Back in May when the province passed Bill 1, which was designed to put an end to school fees and cover the cost of transportation to students living beyond walking distance to their school, it played havoc with the board’s busing fee structure.

Due to the change, Rocky View Schools (RVS) exhausted its reserve fund last year and with no new revenue, the division is short $1 million.

As with any person or organization that blows through their savings to cover additional costs without a plan for increased revenue in place, the piper has come calling.

Unfortunately, as with any failure in government to properly address spending, the taxpayer, or in this case parents of school-aged children, will be paying the price.

RVS should be commended for its efforts to consult with stakeholders on how to go about recovering the costs, but a look at the options is pretty bittersweet.
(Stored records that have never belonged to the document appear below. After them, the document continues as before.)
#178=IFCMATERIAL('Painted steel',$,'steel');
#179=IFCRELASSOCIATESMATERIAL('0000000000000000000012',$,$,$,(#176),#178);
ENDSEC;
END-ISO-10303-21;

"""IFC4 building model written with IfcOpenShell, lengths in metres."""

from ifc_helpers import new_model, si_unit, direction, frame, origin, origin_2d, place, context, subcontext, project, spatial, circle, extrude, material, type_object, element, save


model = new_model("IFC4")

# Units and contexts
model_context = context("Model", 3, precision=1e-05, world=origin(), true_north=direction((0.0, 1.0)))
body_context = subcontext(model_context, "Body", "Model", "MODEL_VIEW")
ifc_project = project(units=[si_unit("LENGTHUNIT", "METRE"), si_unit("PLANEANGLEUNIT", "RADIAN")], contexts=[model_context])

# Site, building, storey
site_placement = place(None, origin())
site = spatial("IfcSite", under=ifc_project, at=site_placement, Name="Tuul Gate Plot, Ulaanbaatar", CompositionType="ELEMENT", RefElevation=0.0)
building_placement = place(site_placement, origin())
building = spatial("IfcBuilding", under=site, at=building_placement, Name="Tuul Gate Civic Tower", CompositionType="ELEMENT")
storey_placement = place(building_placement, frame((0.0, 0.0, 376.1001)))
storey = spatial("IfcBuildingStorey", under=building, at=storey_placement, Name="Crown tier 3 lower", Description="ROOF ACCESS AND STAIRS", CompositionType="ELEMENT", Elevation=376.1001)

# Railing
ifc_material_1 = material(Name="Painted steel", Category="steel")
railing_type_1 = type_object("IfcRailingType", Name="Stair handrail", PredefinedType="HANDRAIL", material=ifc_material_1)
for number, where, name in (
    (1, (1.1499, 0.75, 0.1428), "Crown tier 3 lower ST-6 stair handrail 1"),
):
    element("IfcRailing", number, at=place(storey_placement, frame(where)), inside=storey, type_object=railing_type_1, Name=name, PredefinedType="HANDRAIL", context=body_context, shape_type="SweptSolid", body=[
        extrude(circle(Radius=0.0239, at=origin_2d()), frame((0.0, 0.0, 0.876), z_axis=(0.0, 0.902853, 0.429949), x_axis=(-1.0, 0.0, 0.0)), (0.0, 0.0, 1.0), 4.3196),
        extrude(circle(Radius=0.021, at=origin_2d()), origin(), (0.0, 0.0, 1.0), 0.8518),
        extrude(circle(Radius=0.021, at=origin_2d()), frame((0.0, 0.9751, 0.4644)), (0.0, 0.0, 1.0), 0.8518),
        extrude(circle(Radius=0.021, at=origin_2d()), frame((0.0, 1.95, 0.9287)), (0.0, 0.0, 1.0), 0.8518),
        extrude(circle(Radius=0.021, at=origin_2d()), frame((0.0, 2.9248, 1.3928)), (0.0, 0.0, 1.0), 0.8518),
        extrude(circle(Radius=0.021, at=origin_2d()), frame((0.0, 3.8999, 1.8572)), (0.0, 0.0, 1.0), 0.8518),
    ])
Parents basically have a choice between changes in bell times that might increase childcare costs or the loss of instructional dollars and teacher resources, which could hurt their child’s education.

While we understand that hard choices have to be made when dollars are tight, we can’t help but wonder why all the cost saving measures presented to parents directly effect students and teachers.

Why is there not an option to cut back at the administration or bureaucratic levels? If cutting 10 teachers will save $1 million, would it not take fewer cuts at the senior administration level to save the same?

We also can’t fully accept the school board’s finger pointing at the province for chronically underfunding transportation. If that has been the case for years, why has the school board continuously tried to spend out of the problem? It should have revamped the system long ago by either ensuring fees covered the cost or cutting some transportation services it was never being funded for – namely transporting those students living within 2.4 km of school.

That being said the province must shoulder much of the blame for this predicament. Bill 1, while full of good intentions was on ideological policy that failed to take into account the broader picture. Limiting the number of students RVS could charge transportation fees to, while capping the amount it could charge and then shoveling on $400,000 in extra costs due to the carbon levy, something had to give.

As a result, some parents are paying more in bus fees than they were previously and all parents might have to adjust childcare costs depending on the choice RVS makes.

Ironically, those factors, some of which are a direct result of Bill 1, will far outweigh the saving to parents the bill eliminated.